The inner product (also commonly called the correlation) is also interesting because it helps define the geometric length of a vector. Notice the result of multiplying a vector $\mathbf{x}$ by itself

$$ \mathbf{x}^T \mathbf{x}= \sum_{n=1}^Nx_nx_n = \sum_{n=1}^Nx_n^2 $$

We square each element and sum the result. Visualizing a vector - as we do in the next Python cell for a two-dimensional example - we can square this formula with a common elementary formula for the vector's length. In the left panel below we show the 'point' view of a two-dimensional vector, and in the right panel the corresponding 'arrow' version. Visual guides - drawn in dashed blue - are shown in each panel.

In [14]:

If we treated this vector - say as drawn in the right panel - as the hypotonus of a right triangle, how would we calculate its length? Using the Pythagorean theorem we would square the length of each side - i.e., the length of each blue guide - sum the result, and take the square root of this. Or - denoting our two-dimensional vector more generally as

$$ \mathbf{x} = {\begin{bmatrix} x_1 \\ x_2\\ \end{bmatrix}} $$

then this computation becomes

$$ \text{length of hypotonus (a.k.a. length of vector)} = \sqrt{x_1^2 + x_2^2} $$

In terms of the inner product we can write this length computation equivalently as

$$ \sqrt{x_1^2 + x_2^2} = \sqrt{\mathbf{x}^T\mathbf{x}} $$

Therefore we can express the length of a vector in terms of the inner product with itself - and this generalizes to vectors of any length.

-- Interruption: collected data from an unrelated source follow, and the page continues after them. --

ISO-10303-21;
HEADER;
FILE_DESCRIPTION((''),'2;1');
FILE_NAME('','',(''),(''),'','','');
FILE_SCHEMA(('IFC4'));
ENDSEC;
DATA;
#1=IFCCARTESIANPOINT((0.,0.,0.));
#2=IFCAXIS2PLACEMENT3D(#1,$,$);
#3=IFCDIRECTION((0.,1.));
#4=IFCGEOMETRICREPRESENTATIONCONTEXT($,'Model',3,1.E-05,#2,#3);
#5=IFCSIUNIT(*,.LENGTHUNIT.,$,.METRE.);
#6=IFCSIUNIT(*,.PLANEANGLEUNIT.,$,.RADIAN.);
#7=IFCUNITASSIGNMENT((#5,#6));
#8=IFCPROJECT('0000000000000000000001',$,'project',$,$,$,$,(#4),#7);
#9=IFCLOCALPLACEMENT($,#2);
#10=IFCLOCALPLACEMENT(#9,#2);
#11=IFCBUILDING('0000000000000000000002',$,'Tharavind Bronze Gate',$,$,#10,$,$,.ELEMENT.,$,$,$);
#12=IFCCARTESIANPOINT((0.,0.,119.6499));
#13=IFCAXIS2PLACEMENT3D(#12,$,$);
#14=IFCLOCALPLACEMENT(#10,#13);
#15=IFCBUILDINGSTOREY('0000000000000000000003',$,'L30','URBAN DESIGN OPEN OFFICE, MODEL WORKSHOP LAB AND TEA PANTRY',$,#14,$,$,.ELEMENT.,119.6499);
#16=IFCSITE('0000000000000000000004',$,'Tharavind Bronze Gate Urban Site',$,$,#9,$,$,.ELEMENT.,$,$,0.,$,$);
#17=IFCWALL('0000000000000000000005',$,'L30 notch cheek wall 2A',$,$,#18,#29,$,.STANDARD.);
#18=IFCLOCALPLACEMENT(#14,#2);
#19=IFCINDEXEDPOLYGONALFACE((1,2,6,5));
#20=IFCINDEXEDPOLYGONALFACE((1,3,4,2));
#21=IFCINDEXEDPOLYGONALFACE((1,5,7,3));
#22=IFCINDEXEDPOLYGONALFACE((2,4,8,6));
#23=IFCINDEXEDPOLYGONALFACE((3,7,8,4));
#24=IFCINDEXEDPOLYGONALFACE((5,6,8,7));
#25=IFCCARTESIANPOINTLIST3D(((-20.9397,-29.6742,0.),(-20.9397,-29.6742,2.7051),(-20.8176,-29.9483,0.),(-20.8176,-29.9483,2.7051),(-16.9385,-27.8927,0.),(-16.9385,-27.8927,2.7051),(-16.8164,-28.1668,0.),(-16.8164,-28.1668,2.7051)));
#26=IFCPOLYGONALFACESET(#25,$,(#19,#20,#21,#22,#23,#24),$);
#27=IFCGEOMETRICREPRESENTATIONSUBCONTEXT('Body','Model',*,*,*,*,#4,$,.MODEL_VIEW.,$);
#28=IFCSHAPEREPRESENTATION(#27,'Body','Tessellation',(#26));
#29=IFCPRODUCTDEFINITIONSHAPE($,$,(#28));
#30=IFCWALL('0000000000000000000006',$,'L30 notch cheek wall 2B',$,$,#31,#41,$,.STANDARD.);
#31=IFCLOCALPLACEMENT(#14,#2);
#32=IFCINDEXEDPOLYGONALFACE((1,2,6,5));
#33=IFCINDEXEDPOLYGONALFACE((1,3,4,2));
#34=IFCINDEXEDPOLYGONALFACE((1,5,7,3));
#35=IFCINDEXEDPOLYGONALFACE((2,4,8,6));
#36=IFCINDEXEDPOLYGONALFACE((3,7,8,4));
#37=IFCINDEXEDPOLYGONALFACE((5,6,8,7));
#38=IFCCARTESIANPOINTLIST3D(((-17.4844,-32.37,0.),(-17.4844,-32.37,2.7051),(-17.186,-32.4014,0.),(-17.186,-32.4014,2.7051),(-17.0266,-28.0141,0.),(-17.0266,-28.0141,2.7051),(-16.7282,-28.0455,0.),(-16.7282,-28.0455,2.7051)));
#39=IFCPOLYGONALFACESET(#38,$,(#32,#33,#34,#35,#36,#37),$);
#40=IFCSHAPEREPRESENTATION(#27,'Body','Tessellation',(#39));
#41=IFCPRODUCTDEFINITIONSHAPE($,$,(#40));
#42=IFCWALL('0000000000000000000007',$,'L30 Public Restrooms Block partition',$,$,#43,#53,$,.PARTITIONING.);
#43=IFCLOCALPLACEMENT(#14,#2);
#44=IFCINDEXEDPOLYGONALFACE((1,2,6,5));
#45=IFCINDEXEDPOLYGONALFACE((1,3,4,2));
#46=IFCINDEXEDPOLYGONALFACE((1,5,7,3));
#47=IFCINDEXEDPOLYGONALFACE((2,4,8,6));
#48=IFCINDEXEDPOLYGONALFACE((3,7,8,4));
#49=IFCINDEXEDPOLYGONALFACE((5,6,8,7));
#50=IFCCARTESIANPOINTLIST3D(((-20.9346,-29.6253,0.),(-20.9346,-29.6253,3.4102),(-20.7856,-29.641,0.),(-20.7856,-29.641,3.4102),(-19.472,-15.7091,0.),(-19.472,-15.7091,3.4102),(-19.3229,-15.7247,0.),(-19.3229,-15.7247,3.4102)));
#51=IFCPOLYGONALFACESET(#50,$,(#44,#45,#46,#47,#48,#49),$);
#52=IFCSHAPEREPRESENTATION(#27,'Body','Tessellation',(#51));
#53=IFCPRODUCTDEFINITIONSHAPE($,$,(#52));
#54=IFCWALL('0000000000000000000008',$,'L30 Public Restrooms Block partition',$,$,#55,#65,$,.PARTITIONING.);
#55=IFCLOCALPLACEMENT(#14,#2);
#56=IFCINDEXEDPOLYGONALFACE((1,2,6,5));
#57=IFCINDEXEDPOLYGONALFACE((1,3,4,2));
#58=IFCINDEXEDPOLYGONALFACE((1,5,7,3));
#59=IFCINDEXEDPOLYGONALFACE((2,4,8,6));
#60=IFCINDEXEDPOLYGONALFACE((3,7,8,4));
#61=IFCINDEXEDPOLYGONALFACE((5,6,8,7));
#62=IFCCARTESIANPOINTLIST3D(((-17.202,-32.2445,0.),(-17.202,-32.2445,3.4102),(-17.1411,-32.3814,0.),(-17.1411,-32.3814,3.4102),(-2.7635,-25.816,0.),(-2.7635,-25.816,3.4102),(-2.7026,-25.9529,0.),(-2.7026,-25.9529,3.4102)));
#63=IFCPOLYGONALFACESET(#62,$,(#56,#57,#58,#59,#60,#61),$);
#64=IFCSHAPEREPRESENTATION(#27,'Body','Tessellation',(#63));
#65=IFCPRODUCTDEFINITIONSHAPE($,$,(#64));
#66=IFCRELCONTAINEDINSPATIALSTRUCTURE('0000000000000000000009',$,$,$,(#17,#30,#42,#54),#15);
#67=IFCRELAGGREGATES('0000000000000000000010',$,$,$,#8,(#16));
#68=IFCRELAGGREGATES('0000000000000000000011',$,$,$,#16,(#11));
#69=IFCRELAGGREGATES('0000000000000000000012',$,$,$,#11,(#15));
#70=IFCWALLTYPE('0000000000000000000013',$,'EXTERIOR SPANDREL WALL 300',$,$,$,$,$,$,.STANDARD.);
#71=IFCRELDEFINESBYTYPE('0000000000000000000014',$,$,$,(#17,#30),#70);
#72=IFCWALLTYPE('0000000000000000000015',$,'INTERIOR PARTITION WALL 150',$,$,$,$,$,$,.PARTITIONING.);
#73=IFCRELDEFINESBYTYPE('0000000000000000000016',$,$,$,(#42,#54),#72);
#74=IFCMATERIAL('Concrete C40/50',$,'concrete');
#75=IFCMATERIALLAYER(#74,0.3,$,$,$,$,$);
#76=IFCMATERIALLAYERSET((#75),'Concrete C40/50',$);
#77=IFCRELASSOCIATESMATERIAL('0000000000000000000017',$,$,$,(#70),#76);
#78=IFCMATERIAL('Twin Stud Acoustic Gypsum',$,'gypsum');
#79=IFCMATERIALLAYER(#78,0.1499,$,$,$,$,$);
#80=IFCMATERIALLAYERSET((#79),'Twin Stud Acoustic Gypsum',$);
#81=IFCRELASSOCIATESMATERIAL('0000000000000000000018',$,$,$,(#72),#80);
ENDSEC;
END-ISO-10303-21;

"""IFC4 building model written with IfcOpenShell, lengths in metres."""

from ifc_helpers import new_model, si_unit, direction, frame, frame_2d, origin, place, context, subcontext, project, spatial, rectangle, extrude, material, layer, layer_set, type_object, element, save


model = new_model("IFC4")

# Units and contexts
model_context = context("Model", 3, precision=1e-05, world=origin(), true_north=direction((0.0, 1.0)))
body_context = subcontext(model_context, "Body", "Model", "MODEL_VIEW")
ifc_project = project(units=[si_unit("LENGTHUNIT", "METRE"), si_unit("PLANEANGLEUNIT", "RADIAN")], contexts=[model_context])

# Site, building, storey
site_placement = place(None, origin())
site = spatial("IfcSite", under=ifc_project, at=site_placement, Name="Tharavind Bronze Gate Urban Site", CompositionType="ELEMENT", RefElevation=0.0)
building_placement = place(site_placement, origin())
building = spatial("IfcBuilding", under=site, at=building_placement, Name="Tharavind Bronze Gate", CompositionType="ELEMENT")
storey_placement = place(building_placement, frame((0.0, 0.0, 119.6499)))
storey = spatial("IfcBuildingStorey", under=building, at=storey_placement, Name="L30", Description="URBAN DESIGN OPEN OFFICE, MODEL WORKSHOP LAB AND TEA PANTRY", CompositionType="ELEMENT", Elevation=119.6499)

# Walls
ifc_material_1 = material(Name="Concrete C40/50", Category="concrete")
ifc_layer_1 = layer(ifc_material_1, 0.3)
ifc_layer_set_1 = layer_set([ifc_layer_1], Name="Concrete C40/50")
wall_type_1 = type_object("IfcWallType", Name="EXTERIOR SPANDREL WALL 300", PredefinedType="STANDARD", material=ifc_layer_set_1)
for number, where, z_axis, x_axis, name in (
    (1, (-20.8787, -29.8113, 0.0), (0.0, 0.0, 1.0), (0.913542, 0.406743, 0.0), "L30 notch cheek wall 2A"),
    (2, (-16.8774, -28.0298, 0.0), (0.0, 0.0, 1.0), (-0.104514, -0.994523, 0.0), "L30 notch cheek wall 2B"),
):
    element("IfcWall", number, at=place(storey_placement, frame(where, z_axis=z_axis, x_axis=x_axis)), inside=storey, type_object=wall_type_1, Name=name, PredefinedType="STANDARD", context=body_context, shape_type="SweptSolid", body=[
        extrude(rectangle(XDim=4.3799, YDim=0.3, at=frame_2d((2.1899, 0.0))), origin(), (0.0, 0.0, 1.0), 2.7051),
    ])
ifc_material_2 = material(Name="Twin Stud Acoustic Gypsum", Category="gypsum")
ifc_layer_2 = layer(ifc_material_2, 0.1499)
ifc_layer_set_2 = layer_set([ifc_layer_2], Name="Twin Stud Acoustic Gypsum")
wall_type_2 = type_object("IfcWallType", Name="INTERIOR PARTITION WALL 150", PredefinedType="PARTITIONING", material=ifc_layer_set_2)
wall_1_placement = place(storey_placement, frame((-20.8601, -29.6333, 0.0), z_axis=(0.0, 0.0, 1.0), x_axis=(0.104528, 0.994522, 0.0)))
element("IfcWall", 3, at=wall_1_placement, inside=storey, type_object=wall_type_2, Name="L30 Public Restrooms Block partition", PredefinedType="PARTITIONING", context=body_context, shape_type="SweptSolid", body=[
    extrude(rectangle(XDim=13.9929, YDim=0.1499, at=frame_2d((6.9966, 0.0))), origin(), (0.0, 0.0, 1.0), 3.4102),
])
wall_2_placement = place(storey_placement, frame((-2.7332, -25.8845, 0.0), z_axis=(0.0, 0.0, 1.0), x_axis=(-0.913544, -0.406739, 0.0)))
element("IfcWall", 4, at=wall_2_placement, inside=storey, type_object=wall_type_2, Name="L30 Public Restrooms Block partition", PredefinedType="PARTITIONING", context=body_context, shape_type="SweptSolid", body=[
    extrude(rectangle(XDim=15.8049, YDim=0.1499, at=frame_2d((7.9023, 0.0))), origin(), (0.0, 0.0, 1.0), 3.4102),
])

save(model, "model.ifc")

Thus the notation denoting the length of a vector $\mathbf{x}$ being $\lVert \mathbf{x} \rVert _2$, we can always compute the length as

$$ \lVert \mathbf{x} \rVert _2 = \sqrt{\mathbf{x}^T\mathbf{x}} $$

The geometric interpretation of the inner product

The following beautiful formula - referred to as the inner product rule - holds for any two vectors $\mathbf{x}$ and $\mathbf{y}$

$$ \mathbf{x}^T\mathbf{y} = \lVert \mathbf{x} \rVert_2 \lVert \mathbf{y} \rVert_2 \text{cos}(\theta) $$

This rule - which can be formally proven using the law of cosines from trigonometry - is perhaps best intuited after a slight rearrangement of its terms, as follows.

$$ \left(\frac{\mathbf{x}}{ \lVert \mathbf{x} \rVert_2}\right)^T \left(\frac{\mathbf{y}}{ \lVert \mathbf{y} \rVert_2} \right)= \text{cos}(\theta) $$

Here each input vector is normalized, i.e,. has length equal to one, and the formula can be interpreted as a smooth measurement of the angle $\theta$ between these two vectors lying on the unit circle.

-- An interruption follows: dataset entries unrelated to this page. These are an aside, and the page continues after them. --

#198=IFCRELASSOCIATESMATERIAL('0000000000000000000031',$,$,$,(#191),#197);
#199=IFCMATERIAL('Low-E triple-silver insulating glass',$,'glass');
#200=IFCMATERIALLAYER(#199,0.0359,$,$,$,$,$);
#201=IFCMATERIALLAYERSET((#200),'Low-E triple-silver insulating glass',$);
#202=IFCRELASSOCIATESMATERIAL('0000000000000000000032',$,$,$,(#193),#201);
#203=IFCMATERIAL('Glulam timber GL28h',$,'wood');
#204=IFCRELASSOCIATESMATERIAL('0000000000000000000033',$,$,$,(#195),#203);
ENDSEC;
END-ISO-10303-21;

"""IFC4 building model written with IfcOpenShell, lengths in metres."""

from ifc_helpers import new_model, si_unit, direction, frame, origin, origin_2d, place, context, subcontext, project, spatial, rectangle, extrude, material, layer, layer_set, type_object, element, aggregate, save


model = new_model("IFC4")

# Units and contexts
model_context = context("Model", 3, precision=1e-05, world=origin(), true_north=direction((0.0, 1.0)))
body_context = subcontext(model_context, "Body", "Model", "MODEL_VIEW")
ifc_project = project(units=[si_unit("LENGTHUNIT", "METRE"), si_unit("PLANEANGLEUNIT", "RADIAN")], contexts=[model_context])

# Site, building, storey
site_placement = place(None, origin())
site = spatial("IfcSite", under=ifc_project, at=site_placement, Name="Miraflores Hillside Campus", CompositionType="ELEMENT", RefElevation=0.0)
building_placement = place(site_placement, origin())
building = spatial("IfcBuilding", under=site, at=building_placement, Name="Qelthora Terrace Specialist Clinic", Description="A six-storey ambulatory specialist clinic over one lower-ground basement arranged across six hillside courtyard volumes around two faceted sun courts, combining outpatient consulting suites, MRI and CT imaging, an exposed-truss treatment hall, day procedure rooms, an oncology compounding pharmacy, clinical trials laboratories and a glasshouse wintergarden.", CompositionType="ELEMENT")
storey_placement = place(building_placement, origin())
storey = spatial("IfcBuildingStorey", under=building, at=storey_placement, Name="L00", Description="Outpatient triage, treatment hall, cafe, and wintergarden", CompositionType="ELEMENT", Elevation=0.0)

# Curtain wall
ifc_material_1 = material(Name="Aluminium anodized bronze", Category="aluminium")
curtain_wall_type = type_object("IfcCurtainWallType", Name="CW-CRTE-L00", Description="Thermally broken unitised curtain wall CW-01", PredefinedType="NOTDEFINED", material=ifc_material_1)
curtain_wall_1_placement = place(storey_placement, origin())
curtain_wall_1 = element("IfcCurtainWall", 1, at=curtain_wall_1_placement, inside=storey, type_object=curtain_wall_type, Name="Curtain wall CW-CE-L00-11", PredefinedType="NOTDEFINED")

Notice that because cosine lies between $-1$ and $+1$ so too does this measurement. When the two vectors point in the exact same direction the value takes on $+1$, when they point in completely opposite directions $-1$. When the two vectors are perpendicular to each other, their inner product is equal to zero.

The two extremes $\pm 1$ are easy to verify - for example if $\mathbf{x} = \mathbf{y}$ then the two vectors overlap completely, pointing in the same direction and

$$ \left(\frac{\mathbf{x}}{ \lVert \mathbf{x} \rVert_2}\right)^T \left(\frac{\mathbf{x}}{ \lVert \mathbf{x} \rVert_2} \right)= \left(\frac{\mathbf{x}^T\mathbf{x}}{ \lVert \mathbf{x} \rVert_2^2} \right)=\left(\frac{\lVert \mathbf{x} \rVert_2^2}{ \lVert \mathbf{x} \rVert_2^2} \right) = +1 $$

In the next Python cell we animate the value of the inner product for two unit-length vectors using a slider widget. The first $\mathbf{x}_1 = \begin{bmatrix} 1 \\ 0 \end{bmatrix}$ is fixed, while the second is free to vary around the circle using the slider. As the free vector rotates around the circle the corresponding inner product between it and the fixed vector is shown in the right panel. Note how when the free vector is perpendicular to the fixed vector, the inner product is zero. When they are pointed in completely opposite directions the inner product is $-1$, and when perfectly aligned $+1$.

In [ ]:
In [3]:
Out[3]:

The outer product

The outer product is another way to define multiplication between two vectors. With two column vectors $\mathbf{x}$ and $\mathbf{y}$

$$ \mathbf{x}=\begin{bmatrix} x_{1}\\ x_{2}\\ \vdots\\ x_{N} \end{bmatrix},\,\,\,\,\,\,\,\mathbf{y}=\begin{bmatrix} y_{1}\\ y_{2}\\ \vdots\\ y_{M} \end{bmatrix} $$

their outer product is written as $\mathbf{x}\mathbf{y}^T$ and is defined as

$\mathbf{x}\mathbf{y}^{T}=\begin{bmatrix} x_{1}\\ x_{2}\\ \vdots\\ x_{N} \end{bmatrix}\begin{bmatrix} y_{1}\\ y_{2}\\ \vdots\\ y_{M} \end{bmatrix}^{T}=\begin{bmatrix} x_{1}y_{1} & x_{1}y_{2} & \cdots & x_{1}y_{M}\\ x_{2}y_{1} & x_{2}y_{2} & \cdots & x_{2}y_{M}\\ \vdots & \vdots & \ddots & \vdots\\ x_{N}y_{1} & x_{N}y_{2} & \cdots & x_{N}y_{M} \end{bmatrix}$

This is an $N\times M$ matrix - which can be thought of as a collection of $M$ column vectors stacked side-by-side (or - likewise as a collection of $N$ row vectors stacked one on top of each other). We'll soon discuss matrices further.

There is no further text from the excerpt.